凡建告诉我们,他一人被关在纺织宾馆,不但有街道办、居委会的人,还有警察。刚才,监管他的人都撤走了,他才跑了出来,他准备先剃头洗澡,然后回家。早春的晚风,透露着丝丝寒意,我们担心凡建着凉,只交谈了二十来分钟,就和他分手了。


我们走在回家的路上,走过了一个十字路口,来到街道上,就看见前面路旁的树林里火光点点,走近了,才知道原来是几个人在烧纸钱。只听见有人在轻轻哭泣,有人在喃喃低语:“老天爷啊!可怜可怜我们,帮帮老百姓吧!阎王爷啊!你行行好,把那些贪官污吏都收走吧!还有那些坏蛋……全部收走,都收走吧……我们真的活不下去了,老天爷……”烧过的纸钱化成了黑蝴蝶,围绕着火光,片片飞舞,哭泣的人唱起了哀歌……

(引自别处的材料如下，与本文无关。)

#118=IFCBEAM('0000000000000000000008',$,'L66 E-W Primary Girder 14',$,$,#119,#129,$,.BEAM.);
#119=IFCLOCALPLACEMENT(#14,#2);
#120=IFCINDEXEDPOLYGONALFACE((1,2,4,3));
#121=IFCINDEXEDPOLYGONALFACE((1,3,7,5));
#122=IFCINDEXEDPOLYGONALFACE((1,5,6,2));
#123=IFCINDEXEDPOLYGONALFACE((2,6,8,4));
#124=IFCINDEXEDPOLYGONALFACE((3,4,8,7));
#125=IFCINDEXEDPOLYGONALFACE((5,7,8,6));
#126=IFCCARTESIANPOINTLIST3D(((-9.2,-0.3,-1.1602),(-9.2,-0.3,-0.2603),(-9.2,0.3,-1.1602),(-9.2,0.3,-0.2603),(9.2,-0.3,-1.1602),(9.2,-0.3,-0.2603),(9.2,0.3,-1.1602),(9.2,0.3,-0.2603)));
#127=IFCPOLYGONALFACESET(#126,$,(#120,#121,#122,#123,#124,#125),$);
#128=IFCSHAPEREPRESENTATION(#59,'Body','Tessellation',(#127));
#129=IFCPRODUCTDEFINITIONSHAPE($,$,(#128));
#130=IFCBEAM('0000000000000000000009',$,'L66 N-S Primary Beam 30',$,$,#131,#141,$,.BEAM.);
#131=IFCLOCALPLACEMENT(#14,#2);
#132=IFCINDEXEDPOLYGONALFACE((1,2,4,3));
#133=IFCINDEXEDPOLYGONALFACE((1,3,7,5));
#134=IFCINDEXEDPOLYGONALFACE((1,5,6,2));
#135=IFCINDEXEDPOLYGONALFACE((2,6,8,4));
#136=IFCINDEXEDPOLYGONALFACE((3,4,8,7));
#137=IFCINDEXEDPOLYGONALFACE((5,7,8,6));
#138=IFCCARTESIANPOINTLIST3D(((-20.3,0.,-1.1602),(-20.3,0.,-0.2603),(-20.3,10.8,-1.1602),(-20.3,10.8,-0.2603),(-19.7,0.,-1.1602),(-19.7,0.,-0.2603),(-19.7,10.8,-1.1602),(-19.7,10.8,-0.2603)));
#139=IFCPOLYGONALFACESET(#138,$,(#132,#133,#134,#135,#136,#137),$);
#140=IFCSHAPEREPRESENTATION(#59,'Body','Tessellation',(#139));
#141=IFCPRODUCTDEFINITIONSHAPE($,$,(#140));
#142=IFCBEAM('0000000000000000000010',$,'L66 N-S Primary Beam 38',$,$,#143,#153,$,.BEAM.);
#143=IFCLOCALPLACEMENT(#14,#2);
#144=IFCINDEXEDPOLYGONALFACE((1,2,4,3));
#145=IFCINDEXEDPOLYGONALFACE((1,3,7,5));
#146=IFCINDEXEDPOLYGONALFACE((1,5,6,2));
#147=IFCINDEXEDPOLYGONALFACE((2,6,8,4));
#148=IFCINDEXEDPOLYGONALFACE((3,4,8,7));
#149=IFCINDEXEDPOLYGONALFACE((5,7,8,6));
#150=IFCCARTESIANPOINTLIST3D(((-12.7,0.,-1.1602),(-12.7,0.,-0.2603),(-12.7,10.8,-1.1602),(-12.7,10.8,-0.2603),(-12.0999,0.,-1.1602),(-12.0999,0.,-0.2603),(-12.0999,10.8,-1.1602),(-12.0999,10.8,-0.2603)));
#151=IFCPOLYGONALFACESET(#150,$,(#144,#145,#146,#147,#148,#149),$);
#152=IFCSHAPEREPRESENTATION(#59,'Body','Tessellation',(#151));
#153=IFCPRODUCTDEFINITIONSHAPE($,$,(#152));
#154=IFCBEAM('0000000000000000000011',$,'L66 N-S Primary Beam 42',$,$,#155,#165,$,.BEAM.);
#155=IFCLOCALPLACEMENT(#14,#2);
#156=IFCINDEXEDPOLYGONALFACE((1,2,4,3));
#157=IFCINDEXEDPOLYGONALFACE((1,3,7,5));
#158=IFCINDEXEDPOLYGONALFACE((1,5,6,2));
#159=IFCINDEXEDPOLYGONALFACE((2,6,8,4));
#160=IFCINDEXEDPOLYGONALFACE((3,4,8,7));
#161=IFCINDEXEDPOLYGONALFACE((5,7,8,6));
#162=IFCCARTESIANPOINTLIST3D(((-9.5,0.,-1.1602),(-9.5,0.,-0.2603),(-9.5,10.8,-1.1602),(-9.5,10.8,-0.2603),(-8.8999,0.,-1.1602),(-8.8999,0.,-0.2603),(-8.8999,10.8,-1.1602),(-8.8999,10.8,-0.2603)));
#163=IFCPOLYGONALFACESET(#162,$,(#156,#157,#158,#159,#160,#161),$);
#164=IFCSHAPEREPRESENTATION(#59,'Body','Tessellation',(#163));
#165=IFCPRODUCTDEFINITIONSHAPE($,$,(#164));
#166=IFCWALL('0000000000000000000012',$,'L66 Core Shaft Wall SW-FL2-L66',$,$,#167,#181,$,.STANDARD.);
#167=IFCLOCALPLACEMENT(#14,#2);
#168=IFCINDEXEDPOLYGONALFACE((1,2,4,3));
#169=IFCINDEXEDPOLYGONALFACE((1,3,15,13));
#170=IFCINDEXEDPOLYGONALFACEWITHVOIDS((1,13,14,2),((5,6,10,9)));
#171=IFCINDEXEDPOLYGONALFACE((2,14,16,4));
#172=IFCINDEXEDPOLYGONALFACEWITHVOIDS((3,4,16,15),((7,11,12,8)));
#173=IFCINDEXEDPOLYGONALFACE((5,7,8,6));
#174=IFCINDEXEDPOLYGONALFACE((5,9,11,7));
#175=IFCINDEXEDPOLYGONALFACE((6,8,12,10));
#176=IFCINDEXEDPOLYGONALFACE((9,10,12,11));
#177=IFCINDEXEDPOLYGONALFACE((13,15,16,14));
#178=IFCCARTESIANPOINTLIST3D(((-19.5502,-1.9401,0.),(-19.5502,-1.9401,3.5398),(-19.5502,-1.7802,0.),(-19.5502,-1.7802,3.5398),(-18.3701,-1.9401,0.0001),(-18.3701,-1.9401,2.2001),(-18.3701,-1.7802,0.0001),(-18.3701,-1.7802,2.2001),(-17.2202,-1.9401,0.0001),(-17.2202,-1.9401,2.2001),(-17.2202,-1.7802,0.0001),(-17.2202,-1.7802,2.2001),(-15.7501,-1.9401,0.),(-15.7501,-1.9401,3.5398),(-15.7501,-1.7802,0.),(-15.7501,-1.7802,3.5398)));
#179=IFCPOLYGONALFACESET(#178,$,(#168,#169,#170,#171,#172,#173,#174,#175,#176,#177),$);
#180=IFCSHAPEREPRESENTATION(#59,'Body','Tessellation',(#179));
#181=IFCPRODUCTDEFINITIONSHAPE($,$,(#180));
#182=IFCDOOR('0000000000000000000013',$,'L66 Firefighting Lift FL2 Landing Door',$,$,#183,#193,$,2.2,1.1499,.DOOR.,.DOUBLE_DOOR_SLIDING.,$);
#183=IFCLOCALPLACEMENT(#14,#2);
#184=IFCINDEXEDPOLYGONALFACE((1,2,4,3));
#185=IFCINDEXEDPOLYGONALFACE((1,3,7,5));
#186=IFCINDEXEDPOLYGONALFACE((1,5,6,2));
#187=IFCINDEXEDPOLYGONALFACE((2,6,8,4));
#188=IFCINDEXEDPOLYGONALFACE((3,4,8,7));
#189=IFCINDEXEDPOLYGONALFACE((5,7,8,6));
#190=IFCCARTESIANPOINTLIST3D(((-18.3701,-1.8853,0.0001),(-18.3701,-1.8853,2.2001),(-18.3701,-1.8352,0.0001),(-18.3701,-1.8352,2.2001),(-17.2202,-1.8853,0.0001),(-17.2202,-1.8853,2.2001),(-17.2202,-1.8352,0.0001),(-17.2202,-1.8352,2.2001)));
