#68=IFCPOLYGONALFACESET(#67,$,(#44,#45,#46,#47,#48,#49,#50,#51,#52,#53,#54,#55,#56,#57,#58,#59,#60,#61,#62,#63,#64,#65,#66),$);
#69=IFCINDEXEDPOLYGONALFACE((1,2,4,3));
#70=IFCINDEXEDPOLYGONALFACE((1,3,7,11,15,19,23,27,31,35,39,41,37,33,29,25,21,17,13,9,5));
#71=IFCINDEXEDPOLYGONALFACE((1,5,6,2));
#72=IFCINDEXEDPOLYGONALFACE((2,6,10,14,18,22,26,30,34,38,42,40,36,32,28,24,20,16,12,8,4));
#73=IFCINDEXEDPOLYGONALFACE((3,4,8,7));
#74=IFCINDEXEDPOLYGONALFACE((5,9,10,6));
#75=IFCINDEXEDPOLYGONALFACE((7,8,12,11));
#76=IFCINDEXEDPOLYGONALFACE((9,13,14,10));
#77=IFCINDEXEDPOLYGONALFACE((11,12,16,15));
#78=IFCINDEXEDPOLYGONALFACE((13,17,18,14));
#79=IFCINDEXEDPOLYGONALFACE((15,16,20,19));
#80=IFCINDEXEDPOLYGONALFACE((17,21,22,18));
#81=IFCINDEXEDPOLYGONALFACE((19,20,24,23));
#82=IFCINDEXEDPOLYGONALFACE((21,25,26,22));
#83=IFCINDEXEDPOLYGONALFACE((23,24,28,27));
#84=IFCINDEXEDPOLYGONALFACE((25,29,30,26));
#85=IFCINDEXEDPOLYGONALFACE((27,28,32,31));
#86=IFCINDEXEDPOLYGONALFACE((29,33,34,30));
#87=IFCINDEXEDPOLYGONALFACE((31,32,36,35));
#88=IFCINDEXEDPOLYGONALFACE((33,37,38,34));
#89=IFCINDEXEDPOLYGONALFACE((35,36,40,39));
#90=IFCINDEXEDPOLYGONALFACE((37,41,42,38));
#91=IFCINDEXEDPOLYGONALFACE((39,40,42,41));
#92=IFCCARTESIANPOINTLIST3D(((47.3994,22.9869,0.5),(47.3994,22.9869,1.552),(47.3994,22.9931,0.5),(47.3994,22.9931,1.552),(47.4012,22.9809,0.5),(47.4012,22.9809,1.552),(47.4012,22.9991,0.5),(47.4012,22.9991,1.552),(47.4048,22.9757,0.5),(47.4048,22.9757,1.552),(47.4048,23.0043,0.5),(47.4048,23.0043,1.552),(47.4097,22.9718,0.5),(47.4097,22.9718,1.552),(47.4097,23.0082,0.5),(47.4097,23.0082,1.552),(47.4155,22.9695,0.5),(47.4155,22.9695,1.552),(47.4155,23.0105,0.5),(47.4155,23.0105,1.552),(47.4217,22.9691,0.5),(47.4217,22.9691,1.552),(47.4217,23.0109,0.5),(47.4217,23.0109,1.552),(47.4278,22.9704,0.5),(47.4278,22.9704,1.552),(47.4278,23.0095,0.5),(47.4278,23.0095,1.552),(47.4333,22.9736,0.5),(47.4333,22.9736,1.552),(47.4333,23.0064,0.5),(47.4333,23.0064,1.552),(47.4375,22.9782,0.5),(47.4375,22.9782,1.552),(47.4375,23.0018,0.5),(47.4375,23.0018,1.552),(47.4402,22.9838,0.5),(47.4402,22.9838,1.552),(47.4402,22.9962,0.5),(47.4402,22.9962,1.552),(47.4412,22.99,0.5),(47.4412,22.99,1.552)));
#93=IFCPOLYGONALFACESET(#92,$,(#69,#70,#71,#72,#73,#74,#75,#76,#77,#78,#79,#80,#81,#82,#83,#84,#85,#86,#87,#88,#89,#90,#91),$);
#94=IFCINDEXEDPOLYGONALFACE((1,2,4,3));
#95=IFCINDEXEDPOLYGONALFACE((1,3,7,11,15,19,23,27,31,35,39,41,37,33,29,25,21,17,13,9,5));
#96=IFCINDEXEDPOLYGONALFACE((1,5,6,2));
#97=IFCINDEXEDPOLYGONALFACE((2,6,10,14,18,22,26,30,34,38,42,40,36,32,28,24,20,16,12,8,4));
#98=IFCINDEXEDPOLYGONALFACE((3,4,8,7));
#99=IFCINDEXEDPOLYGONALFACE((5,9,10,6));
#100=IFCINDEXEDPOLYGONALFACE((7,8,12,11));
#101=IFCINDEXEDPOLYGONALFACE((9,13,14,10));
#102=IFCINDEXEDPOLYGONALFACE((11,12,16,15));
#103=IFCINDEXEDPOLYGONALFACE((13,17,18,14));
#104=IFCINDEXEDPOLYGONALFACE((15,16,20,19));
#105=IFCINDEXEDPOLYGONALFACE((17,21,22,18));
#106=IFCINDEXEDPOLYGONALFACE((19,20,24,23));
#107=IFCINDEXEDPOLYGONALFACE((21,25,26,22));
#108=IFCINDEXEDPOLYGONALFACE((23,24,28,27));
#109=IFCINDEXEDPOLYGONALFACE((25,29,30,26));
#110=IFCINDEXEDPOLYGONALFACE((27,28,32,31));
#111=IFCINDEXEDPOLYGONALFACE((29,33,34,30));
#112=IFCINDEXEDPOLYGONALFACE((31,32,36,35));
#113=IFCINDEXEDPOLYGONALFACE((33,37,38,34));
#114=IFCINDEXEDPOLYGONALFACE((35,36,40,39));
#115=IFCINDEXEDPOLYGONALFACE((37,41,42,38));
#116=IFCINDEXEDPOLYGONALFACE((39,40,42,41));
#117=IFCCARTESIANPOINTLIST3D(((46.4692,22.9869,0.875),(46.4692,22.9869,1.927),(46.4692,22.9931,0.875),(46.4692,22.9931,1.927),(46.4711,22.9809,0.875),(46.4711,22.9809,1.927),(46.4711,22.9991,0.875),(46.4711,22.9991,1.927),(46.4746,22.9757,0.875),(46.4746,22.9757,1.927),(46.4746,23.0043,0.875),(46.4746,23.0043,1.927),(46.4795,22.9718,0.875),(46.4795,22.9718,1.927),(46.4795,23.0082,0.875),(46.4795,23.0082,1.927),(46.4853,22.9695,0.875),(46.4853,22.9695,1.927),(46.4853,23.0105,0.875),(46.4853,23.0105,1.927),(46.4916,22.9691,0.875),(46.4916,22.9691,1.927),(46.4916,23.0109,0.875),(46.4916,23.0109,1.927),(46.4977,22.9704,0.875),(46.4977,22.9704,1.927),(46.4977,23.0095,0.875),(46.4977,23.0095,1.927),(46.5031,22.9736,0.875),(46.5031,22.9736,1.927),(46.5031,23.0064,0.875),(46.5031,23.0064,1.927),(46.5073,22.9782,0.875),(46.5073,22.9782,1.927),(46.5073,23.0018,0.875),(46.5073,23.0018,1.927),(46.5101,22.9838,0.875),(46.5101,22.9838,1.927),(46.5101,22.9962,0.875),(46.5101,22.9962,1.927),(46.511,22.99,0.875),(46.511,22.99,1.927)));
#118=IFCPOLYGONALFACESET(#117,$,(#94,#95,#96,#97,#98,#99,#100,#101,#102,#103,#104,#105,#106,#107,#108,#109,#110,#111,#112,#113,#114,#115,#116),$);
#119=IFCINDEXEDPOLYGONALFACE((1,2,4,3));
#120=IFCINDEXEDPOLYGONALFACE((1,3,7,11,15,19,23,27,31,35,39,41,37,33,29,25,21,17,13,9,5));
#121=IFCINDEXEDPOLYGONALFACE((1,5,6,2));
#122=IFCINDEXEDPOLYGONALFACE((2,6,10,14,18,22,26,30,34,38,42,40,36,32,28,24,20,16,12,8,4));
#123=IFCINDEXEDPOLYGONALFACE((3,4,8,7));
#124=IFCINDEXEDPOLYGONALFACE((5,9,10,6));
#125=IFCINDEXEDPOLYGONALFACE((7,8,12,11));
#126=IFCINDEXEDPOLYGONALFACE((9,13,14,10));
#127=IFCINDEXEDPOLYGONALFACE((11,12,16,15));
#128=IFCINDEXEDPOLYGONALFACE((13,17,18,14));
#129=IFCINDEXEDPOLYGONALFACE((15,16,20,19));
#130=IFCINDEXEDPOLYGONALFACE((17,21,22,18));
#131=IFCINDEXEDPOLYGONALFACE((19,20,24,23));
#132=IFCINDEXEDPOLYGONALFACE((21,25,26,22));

我停住了脚步,弯下腰,剧烈地咳嗽起来,丈夫轻轻地拍打着我的后背。突然一阵风吹过,一张白纸晃晃悠悠飘落到我的脚面上,我拾起白纸,看见上面隐约写得有字。


我站起身来,手拿白纸,就着路灯仔细观看,又是上访歌,不同的是,这一首上访歌谱了曲:


母亲啊长江,你静静地流淌,
夜色是多么安详。
可是你哪里知道,就在你的身旁,
我们被迫害的上访人有多么凄凉。
政府的行为是多么违法,
叫我们何时才回家。
失去自由离开了亲人,
我们何罪之有?
贪官污吏残害百姓,
神圣的法律无人遵守。
苍天啊,愿你能知道我们的心声、我们的祈祷和诉求……


我又咳嗽起来,忍不住涕泪交流,昏昏沉沉中,犹太人的圣歌又在耳边回响:

来到巴比伦河边,
我们坐在你身旁,
耶,我们哭泣又悲伤,
当我们想起了家乡,
邪恶的人把我们掳掠到这里,
还强迫我们把歌唱。
但愿今夜我们口中所言,和心中所思,
能让他们接受……


来到了巴比伦河边,
我们坐在你身旁
耶,我们哭泣又悲伤……


丈夫递给我一张面巾纸,我慢慢擦去泪水。紧攥着薄薄的白纸,我抬头看天。乌云已将月亮罩得严严实实,天空就像一块巨大的黑幕,深不可测。我松开手,写有上访歌的白纸从手中飘落,在晚风的吹送中,那张白纸上上下下,渐行渐远。


夜色深沉,我和丈夫走在大街上,默默无语。在这个世界上,无论何时,无论何地,都有数不清遭受掠夺和压迫、失去自由的人们。两千多年前,几万名巴比伦囚虏遭受的是异族的迫害,两千多年后,中国的囚虏面对的是同胞的欺压。巴比伦之囚的历史再也不会重现了,然而中国之囚的悲剧却年年上演,似乎没有终点。巴比伦之囚,中国之囚,谁幸耶?谁不幸耶?